Scale Synthetic Data and Physical AI Reasoning with NVIDIA Cosmos World Foundation Models

The next generation of AI-driven robots like humanoids and autonomous vehicles depends on high-fidelity, physics-aware training data. Without diverse and representative datasets, these systems don’t get proper training and face testing risks due to poor generalization, limited exposure to real-world variations, and unpredictable behavior in edge cases. Collecting massive real-world datasets for training is expensive, time-intensive, and often constrained by possibilities.

Explore the NVIDIA Cosmos Cookbook for step-by-step workflows, technical recipes, and concrete examples for building, adapting, and deploying Cosmos WFMs.

NVIDIA Cosmos addresses this challenge by accelerating world foundation model (WFM) development. At the core of its platform, Cosmos WFMs speed up synthetic data generation and act as a foundation for post-training, to develop downstream domain or task-specific physical AI models to solve these challenges. This post explores the latest Cosmos WFMs, their key capabilities that advance physical AI, and how to use them.

Cosmos world foundation model updates:

NVIDIA Cosmos world foundation models have continued to evolve rapidly, with significant advancements that further accelerate synthetic data generation and physical AI development. One year after their introduction, key updates include:

Cosmos Transfer 2.5—Faster and more scalable data augmentation from simulation and 3D spatial inputs, enabling greater diversity across environments, lighting conditions, and scene variations.
Cosmos Predict 2.5—Enhanced long-tail scenario generation for sequences up to 30 seconds, delivering up to 10x higher accuracy when post-trained on proprietary or domain-specific data.

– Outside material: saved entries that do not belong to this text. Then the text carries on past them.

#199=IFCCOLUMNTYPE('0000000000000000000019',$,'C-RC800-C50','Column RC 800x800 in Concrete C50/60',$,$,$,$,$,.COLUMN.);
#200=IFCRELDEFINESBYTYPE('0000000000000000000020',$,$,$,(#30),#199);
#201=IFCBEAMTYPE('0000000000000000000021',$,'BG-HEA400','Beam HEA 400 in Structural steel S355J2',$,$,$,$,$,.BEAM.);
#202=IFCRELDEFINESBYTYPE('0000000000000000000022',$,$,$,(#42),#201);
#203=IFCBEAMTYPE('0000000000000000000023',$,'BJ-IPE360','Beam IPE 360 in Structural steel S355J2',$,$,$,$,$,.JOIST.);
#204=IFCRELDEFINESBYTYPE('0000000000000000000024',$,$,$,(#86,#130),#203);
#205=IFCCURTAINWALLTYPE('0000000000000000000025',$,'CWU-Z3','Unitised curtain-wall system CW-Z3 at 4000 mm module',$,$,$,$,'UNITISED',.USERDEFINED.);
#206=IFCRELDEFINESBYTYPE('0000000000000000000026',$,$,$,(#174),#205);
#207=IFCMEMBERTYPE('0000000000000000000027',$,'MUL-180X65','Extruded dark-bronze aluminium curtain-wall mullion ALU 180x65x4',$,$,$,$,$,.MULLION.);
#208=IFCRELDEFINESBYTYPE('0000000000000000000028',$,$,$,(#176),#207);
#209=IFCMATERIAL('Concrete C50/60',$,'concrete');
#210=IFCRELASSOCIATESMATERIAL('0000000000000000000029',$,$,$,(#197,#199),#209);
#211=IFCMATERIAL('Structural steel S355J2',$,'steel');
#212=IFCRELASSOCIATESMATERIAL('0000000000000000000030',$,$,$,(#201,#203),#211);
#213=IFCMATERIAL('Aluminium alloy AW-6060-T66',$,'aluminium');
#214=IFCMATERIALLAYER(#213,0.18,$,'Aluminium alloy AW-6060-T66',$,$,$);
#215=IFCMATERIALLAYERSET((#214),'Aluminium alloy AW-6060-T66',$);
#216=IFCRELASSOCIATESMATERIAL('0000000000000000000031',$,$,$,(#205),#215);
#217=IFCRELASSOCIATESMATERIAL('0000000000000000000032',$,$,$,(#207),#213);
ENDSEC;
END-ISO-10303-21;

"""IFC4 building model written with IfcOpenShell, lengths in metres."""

Supports multiview outputs, custom camera layouts, and alternate policy outputs such as action simulation.
Cosmos Reason 2—Advanced physical AI reasoning with improved spatiotemporal understanding and timestamp precision. Adds object detection with 2D/3D point localization and bounding box coordinates, along with reasoning explanations and labels. Expanded long-context support up to 256K input tokens.

Cosmos Transfer for photorealistic videos grounded in physics

Cosmos Transfer generates high-fidelity world scenes from structural inputs, ensuring precise spatial alignment and scene composition.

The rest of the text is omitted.